King : Je ne sais pas. Nous avons toujours répondu honnêtement à toutes les questions qu’on nous pose. La seule différence est que, depuis quelques années, nous acceptons les interviews dans des médias visuels. Avant, nous ne faisions que les médias écrits. Personnellement, je n’aime pas beaucoup les interviews filmées, peut-être devrais-je arrêter de les faire. Généralement, elles se révèlent de toute façon creuses et insignifiantes. Je m’en fiche si les gens me voient moi ou Gaahl différemment juste parce qu’on apparaît sans corpse paint à la télévision. Il faut avoir 14 ans et être stupide pour penser qu’on vit dans une grotte et qu’on sacrifie quotidiennement des vierges dans la forêt.

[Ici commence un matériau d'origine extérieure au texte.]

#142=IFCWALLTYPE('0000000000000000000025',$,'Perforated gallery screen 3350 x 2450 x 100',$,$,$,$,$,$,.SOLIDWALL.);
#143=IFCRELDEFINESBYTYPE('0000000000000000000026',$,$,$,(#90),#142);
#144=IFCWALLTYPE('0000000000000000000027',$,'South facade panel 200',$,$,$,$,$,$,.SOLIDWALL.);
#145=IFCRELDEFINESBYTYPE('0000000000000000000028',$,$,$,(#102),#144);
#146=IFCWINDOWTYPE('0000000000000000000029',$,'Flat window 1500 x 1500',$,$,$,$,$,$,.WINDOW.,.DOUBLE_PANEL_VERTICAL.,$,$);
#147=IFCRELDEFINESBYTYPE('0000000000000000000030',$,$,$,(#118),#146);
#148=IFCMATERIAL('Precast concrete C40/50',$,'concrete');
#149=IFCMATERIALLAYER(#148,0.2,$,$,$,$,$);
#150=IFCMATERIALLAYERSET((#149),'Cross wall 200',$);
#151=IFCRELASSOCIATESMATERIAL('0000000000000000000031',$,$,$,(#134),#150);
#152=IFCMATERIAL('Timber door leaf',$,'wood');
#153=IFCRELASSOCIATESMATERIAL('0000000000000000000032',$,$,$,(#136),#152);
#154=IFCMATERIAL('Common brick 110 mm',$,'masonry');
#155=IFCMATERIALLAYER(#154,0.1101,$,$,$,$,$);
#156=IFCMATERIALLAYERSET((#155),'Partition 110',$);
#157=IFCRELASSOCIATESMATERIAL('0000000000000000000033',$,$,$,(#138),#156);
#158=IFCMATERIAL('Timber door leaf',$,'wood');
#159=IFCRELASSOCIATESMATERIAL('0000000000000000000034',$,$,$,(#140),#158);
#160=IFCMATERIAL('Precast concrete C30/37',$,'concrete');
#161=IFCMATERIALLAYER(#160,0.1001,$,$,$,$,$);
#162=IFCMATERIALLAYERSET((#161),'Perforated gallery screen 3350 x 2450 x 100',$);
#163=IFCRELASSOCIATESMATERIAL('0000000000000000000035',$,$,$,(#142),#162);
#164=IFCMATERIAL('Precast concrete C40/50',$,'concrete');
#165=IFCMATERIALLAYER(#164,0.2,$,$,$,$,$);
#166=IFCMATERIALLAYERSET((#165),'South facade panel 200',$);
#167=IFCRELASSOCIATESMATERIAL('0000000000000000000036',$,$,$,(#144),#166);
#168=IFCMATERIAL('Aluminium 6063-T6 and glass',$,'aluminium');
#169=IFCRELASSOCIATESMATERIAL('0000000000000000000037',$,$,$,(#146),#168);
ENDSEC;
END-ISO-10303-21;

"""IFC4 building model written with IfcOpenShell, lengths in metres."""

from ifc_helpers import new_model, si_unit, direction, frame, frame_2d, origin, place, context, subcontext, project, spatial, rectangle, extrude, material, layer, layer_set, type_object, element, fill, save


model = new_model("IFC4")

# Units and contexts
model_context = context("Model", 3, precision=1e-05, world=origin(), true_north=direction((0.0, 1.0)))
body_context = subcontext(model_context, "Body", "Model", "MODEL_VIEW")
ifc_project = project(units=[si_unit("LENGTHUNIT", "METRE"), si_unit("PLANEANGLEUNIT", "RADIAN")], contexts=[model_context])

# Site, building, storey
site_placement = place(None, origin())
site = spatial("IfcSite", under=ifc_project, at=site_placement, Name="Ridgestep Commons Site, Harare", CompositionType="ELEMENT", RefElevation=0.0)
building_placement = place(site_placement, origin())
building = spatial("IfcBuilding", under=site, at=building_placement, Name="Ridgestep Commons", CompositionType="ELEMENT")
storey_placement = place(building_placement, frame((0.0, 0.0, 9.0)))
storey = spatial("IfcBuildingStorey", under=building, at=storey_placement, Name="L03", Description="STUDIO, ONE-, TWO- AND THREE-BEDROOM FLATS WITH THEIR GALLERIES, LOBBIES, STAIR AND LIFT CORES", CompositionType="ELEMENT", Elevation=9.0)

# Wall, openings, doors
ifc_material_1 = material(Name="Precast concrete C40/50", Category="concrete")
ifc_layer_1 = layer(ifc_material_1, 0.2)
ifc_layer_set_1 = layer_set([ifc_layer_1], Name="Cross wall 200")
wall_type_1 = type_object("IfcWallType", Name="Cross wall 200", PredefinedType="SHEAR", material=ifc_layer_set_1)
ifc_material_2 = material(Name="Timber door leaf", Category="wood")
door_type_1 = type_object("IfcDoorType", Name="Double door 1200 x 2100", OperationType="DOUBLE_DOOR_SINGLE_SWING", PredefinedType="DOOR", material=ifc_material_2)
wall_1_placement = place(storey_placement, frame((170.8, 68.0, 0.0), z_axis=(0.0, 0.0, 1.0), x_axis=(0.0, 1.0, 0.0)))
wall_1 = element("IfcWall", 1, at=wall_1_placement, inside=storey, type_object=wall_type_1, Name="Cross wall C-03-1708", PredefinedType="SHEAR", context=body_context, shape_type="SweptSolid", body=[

M : Bon, cette interview touche à sa fin. Quel serait ton vœu le plus cher concernant l’avenir de Gorgoroth ?

King : Pour le moment, mon désir est de m’investir dans ce qu’est réellement Gorgoroth : créer des albums et jouer des concerts sans aucune interférence de choses sans importance comme des procès, etc.

M : Dernière question : quel est ton top-3 des albums de tout temps ?

King : Je n’ai pas de top-3 des albums de tout temps. Je déteste globalement ce genre de listes.

M : Merci beaucoup pour ton temps, King. Je te fais confiance, je sais que le prochain album qui sortira sera une fois encore énormissime, et je suis très impatient ! J’espère que toutes ces histoires judiciaires seront bientôt finies… Je te laisse le mot de la fin !

King : Heil Satan !! Ave Satan !! Rege Satan !!!